Sunday, November 8, 2020

Functional Reprints

Yesterday's post about the total number of unique Magic cards didn't discuss a nuance that would have complicated things: functional reprints.

A strict reprint is reusing an existing card in a new release. It might have new art or flavor text, but the same name, casting cost, type (creature/instant/etc.), stats, and abilities- it's identical in every game-relevant aspect. (I excluded those yesterday from the calculation, as they weren't unique.) A functional reprint is a card that has the same color, casting cost, type, stats, and abilities of an existing card but different name. Examples:


Note that the definition doesn't include subtype, so it would count Oreskos Swiftclaw (below) as a functional reprint of Savai Sabertooth and Prowling Caracal, even though the Swiftclaw is also a warrior.

I don't see eye to eye on that one, because (for example) Swiftclaw could benefit from Kor Blademaster while the other two would not, since they're not warriors:

But it's not up to me. The official Wizards page ran a nice article on this years ago, and Gamepedia has a list of cards in this category.

Why do they make functional reprints? Why not just reprint an existing card? I see two reasons.
  1. From the Wizards article, "They are usually made for one simple reason: to flesh out the world of the new set." Each Magic expansion has a theme, and some existing cards may not be a match (based on name or art), but would fit well otherwise. So change the name and art, and voila, it works.
  2. Functional reprints effectively allow a player, depending on format, to play more than 4 copies of a given card. If you wish, you can play four copies each of Swiftclaw, Sabertooth, and Caracal in a Modern deck, giving you twelve 3/1 white cats for {1}{W}. When both sets were legal in Standard, you could play Didn't Say Please and Thought Collapse in the same deck, giving you eight identical counterspells (I did this in a mill deck iteration).
If you stick with the game long, you'll pick up on such reprints as you scan card previews of new sets. You'll get a twinge- "wait, haven't I seen this before?"- and chances are, you have. Either in a strict reprint or functional one.
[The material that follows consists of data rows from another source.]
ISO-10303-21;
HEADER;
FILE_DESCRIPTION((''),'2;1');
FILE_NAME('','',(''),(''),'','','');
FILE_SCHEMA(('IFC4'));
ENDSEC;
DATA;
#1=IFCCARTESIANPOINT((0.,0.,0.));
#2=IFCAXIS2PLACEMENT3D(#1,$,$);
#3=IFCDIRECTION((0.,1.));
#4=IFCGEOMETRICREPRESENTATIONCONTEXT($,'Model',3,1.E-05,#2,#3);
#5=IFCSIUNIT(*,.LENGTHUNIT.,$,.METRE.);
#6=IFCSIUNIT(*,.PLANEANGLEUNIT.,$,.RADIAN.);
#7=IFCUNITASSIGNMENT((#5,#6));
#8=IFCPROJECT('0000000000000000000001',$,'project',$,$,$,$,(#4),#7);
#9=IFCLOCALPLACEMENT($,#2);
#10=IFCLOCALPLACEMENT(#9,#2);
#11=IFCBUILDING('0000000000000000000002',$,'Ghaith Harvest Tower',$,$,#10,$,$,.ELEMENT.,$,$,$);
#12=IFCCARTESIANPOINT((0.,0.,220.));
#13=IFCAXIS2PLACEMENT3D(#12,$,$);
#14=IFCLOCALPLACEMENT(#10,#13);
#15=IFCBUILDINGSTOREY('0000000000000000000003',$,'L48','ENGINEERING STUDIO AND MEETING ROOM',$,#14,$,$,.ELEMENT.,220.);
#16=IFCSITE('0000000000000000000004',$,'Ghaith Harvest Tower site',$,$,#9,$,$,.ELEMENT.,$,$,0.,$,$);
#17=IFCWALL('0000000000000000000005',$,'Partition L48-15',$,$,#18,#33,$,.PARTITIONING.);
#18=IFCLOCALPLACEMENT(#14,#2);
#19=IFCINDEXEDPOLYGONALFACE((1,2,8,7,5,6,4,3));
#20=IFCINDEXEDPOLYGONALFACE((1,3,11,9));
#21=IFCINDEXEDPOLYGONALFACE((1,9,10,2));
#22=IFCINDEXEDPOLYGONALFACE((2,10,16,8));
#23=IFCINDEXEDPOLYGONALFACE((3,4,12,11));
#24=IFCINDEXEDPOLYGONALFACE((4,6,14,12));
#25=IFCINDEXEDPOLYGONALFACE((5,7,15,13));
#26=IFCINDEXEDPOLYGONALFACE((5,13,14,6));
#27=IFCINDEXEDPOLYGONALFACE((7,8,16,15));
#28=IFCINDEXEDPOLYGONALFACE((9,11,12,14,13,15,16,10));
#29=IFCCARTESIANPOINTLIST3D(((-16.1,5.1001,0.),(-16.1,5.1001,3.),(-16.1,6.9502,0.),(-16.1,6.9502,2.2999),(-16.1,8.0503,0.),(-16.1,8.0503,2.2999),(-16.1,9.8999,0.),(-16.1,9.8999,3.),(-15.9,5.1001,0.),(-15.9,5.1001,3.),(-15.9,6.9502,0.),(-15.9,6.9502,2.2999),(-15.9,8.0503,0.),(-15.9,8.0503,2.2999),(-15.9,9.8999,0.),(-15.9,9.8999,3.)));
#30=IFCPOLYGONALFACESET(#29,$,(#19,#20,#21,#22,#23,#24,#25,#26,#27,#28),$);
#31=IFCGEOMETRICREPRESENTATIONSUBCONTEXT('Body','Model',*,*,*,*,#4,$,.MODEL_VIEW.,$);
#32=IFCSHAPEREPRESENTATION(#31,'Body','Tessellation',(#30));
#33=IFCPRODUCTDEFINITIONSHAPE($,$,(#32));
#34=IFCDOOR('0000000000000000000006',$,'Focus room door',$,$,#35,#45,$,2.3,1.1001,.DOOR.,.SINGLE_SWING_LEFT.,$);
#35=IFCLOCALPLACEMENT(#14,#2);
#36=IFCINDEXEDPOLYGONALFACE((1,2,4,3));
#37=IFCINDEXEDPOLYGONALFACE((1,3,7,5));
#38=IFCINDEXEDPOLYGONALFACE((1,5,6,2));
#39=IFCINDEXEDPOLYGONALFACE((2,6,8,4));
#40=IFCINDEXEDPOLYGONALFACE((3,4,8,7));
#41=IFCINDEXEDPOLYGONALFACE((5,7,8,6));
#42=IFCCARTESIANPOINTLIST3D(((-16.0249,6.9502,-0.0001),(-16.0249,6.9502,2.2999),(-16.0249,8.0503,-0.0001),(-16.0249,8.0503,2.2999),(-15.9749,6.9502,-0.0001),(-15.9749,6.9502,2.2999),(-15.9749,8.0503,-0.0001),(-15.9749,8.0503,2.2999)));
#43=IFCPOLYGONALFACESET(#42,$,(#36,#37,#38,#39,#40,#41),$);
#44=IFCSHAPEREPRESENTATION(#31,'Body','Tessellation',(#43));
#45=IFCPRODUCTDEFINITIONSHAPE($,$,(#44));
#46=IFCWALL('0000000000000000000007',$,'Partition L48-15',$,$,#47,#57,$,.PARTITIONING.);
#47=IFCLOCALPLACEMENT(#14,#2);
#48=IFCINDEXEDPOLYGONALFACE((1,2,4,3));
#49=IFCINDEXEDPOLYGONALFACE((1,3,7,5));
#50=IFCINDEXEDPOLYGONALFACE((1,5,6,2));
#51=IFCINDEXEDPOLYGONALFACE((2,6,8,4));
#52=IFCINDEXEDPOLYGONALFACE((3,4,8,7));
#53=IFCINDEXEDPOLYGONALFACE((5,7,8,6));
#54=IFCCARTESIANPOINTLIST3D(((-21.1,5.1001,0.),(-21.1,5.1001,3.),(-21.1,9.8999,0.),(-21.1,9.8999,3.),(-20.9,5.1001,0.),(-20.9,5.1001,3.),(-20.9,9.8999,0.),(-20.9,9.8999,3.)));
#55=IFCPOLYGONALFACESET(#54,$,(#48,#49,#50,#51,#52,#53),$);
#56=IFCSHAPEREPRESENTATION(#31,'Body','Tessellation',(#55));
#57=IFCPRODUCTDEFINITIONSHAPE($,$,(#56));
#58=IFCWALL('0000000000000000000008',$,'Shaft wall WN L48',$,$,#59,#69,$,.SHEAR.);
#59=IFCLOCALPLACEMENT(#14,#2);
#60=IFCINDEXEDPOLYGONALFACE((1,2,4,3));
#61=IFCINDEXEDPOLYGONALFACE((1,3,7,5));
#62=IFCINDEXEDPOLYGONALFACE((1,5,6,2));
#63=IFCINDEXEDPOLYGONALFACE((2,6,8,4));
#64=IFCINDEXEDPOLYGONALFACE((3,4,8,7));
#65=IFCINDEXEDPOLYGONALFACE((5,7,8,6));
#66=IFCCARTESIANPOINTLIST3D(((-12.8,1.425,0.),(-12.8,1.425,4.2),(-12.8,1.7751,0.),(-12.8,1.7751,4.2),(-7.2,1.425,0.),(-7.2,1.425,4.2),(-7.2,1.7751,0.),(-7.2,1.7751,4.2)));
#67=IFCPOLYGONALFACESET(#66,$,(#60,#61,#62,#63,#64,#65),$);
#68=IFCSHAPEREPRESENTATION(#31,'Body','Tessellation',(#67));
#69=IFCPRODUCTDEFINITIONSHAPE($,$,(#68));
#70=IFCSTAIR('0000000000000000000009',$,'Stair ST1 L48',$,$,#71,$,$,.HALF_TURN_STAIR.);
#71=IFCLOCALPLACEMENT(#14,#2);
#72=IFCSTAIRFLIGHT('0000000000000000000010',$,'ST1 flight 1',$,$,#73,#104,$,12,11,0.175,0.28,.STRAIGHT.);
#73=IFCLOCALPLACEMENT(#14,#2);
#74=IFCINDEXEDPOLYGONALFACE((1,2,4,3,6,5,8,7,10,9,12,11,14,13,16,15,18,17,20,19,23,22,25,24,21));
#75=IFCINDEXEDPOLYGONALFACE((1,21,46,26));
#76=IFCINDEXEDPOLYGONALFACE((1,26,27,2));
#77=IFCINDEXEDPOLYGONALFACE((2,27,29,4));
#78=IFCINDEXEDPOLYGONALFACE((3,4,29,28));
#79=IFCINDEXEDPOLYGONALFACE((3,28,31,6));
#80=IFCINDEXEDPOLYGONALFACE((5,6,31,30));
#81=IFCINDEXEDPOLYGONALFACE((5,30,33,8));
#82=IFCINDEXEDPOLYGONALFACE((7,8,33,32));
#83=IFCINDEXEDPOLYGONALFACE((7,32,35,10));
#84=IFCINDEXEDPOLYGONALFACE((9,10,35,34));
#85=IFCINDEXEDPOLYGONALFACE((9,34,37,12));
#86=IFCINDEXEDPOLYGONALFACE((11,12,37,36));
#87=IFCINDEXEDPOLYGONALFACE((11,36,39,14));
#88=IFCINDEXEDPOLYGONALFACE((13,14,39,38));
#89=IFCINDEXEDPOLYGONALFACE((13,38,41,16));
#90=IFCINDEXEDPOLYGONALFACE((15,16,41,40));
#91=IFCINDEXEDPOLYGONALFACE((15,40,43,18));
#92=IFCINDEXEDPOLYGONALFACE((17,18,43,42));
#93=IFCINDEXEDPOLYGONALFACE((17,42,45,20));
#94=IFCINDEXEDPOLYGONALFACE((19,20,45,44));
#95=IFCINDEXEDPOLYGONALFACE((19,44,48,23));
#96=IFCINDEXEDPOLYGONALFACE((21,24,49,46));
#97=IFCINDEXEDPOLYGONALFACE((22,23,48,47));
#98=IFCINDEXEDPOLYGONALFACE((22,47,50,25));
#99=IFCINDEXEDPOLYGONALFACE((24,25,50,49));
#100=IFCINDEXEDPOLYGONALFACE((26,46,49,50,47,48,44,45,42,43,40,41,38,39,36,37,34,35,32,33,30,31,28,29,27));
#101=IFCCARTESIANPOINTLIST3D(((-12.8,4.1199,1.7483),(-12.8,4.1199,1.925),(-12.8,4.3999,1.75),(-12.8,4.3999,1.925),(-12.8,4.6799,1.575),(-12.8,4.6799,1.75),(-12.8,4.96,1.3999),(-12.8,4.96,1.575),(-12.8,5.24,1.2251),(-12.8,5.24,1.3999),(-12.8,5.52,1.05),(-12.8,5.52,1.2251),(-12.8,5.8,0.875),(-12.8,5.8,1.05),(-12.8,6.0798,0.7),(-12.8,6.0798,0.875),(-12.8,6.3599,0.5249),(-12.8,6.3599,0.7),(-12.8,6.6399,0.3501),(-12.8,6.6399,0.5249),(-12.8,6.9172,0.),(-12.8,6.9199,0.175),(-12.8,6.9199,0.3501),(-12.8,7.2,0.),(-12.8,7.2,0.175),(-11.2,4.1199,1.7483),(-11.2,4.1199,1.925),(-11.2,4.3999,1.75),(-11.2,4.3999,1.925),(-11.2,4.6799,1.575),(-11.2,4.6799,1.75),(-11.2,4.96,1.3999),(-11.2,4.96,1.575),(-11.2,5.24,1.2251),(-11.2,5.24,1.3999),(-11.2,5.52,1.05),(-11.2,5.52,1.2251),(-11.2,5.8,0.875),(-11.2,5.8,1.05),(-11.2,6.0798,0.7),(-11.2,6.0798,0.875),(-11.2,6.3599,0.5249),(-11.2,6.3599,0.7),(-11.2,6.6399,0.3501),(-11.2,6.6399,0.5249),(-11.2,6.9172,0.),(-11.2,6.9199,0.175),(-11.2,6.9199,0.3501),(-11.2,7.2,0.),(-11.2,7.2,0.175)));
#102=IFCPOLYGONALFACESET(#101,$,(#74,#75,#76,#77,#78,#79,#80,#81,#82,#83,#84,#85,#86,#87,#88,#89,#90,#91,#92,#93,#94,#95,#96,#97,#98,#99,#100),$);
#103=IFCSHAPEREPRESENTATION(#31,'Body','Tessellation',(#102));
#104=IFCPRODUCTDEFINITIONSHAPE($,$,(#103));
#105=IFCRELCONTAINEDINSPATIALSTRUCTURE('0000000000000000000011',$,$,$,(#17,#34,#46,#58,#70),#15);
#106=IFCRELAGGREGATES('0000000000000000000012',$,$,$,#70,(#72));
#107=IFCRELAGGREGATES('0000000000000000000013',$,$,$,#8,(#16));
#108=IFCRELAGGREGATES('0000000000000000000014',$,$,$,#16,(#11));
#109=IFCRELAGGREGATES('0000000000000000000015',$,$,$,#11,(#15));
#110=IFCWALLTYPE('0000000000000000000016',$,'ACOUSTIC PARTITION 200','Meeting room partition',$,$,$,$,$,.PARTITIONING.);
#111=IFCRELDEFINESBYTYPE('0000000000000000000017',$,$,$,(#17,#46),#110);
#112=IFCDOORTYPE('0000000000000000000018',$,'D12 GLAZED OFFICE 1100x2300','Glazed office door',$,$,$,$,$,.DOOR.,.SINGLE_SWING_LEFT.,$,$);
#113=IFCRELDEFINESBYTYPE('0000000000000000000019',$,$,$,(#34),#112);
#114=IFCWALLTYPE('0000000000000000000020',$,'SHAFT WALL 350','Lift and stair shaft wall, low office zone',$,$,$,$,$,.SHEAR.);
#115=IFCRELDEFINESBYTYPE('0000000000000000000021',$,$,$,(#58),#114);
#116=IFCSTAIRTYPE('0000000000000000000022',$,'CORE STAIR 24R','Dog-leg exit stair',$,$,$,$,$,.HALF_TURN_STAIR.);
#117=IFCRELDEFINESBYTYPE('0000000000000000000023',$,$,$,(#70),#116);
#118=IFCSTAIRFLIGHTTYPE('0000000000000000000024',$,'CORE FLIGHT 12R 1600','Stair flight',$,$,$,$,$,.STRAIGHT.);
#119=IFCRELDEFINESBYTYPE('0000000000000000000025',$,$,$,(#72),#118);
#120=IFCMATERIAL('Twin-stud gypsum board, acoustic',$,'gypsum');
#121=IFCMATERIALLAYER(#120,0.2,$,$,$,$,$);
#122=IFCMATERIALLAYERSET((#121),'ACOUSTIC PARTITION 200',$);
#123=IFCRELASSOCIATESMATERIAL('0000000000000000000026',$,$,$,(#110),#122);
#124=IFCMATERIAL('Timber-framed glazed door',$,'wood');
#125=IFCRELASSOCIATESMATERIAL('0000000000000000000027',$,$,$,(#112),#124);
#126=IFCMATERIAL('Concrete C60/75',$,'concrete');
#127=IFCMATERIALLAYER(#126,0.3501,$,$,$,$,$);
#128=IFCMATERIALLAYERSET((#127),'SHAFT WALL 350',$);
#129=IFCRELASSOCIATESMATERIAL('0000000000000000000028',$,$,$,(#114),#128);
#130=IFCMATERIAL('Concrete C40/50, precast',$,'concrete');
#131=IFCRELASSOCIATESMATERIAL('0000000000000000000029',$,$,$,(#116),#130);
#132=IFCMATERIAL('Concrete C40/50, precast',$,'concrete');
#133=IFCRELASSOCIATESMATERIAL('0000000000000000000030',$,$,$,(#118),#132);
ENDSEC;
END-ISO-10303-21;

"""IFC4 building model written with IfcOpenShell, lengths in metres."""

from ifc_helpers import new_model, si_unit, direction, frame, frame_2d, origin, place, context, subcontext, project, spatial, polyline, rectangle, outline, extrude, material, layer, layer_set, type_object, element, fill, aggregate, save


model = new_model("IFC4")

# Units and contexts
model_context = context("Model", 3, precision=1e-05, world=origin(), true_north=direction((0.0, 1.0)))
body_context = subcontext(model_context, "Body", "Model", "MODEL_VIEW")
ifc_project = project(units=[si_unit("LENGTHUNIT", "METRE"), si_unit("PLANEANGLEUNIT", "RADIAN")], contexts=[model_context])

# Site, building, storey
site_placement = place(None, origin())
site = spatial("IfcSite", under=ifc_project, at=site_placement, Name="Ghaith Harvest Tower site", CompositionType="ELEMENT", RefElevation=0.0)
building_placement = place(site_placement, origin())
building = spatial("IfcBuilding", under=site, at=building_placement, Name="Ghaith Harvest Tower", CompositionType="ELEMENT")
storey_placement = place(building_placement, frame((0.0, 0.0, 220.0)))
storey = spatial("IfcBuildingStorey", under=building, at=storey_placement, Name="L48", Description="ENGINEERING STUDIO AND MEETING ROOM", CompositionType="ELEMENT", Elevation=220.0)

# Shared definitions
ifc_material_1 = material(Name="Twin-stud gypsum board, acoustic", Category="gypsum")
ifc_layer_1 = layer(ifc_material_1, 0.2)
ifc_layer_set_1 = layer_set([ifc_layer_1], Name="ACOUSTIC PARTITION 200")
wall_type_1 = type_object("IfcWallType", Name="ACOUSTIC PARTITION 200", Description="Meeting room partition", PredefinedType="PARTITIONING", material=ifc_layer_set_1)

# Wall, opening, door
wall_1_placement = place(storey_placement, frame((-16.0, 5.1001, 0.0), z_axis=(0.0, 0.0, 1.0), x_axis=(0.0, 1.0, 0.0)))
wall_1 = element("IfcWall", 1, at=wall_1_placement, inside=storey, type_object=wall_type_1, Name="Partition L48-15", PredefinedType="PARTITIONING", context=body_context, shape_type="SweptSolid", body=[
    extrude(rectangle(XDim=4.7998, YDim=0.2, at=frame_2d((2.3999, 0.0))), origin(), (0.0, 0.0, 1.0), 3.0),
])
opening_placement = place(wall_1_placement, frame((1.8501, 0.0, 0.0)))
opening = element("IfcOpeningElement", 2, at=opening_placement, cuts=wall_1, PredefinedType="OPENING", context=body_context, shape_type="SweptSolid", body=[
    extrude(rectangle(XDim=1.1001, YDim=2.3, at=frame_2d((0.55, 1.1499))), frame((0.0, 0.1099, 0.0), z_axis=(0.0, -1.0, 0.0), x_axis=(1.0, 0.0, 0.0)), (0.0, 0.0, 1.0), 0.22),
])
ifc_material_2 = material(Name="Timber-framed glazed door", Category="wood")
A final thought: why do reprints at all? Again, the Wizards article is helpful. They give three reasons for strict reprints, but the concepts apply to functional as well:
  • define play environments, 
  • give new players more access to staple cards, and 
  • provide sets with links to the past.
I'd add: there's no reason to reinvent the wheel. There are staple cards- offering basic abilities important to fundamental Magic play- that really don't need to be changed from set to set. They're good as they are, so why change them? 

Whether strict or functional, yesterday we found that Magic has over 20,400 unique cards (no strict reprints). The Gamepedia article lists 334 cards that are functional reprints, so if we dropped those, we'd still be north of 20,000 unique cards. Either way, the card pool has more variety and complexity than can be enjoyed in several lifetimes, so I'm fine with the arrangement.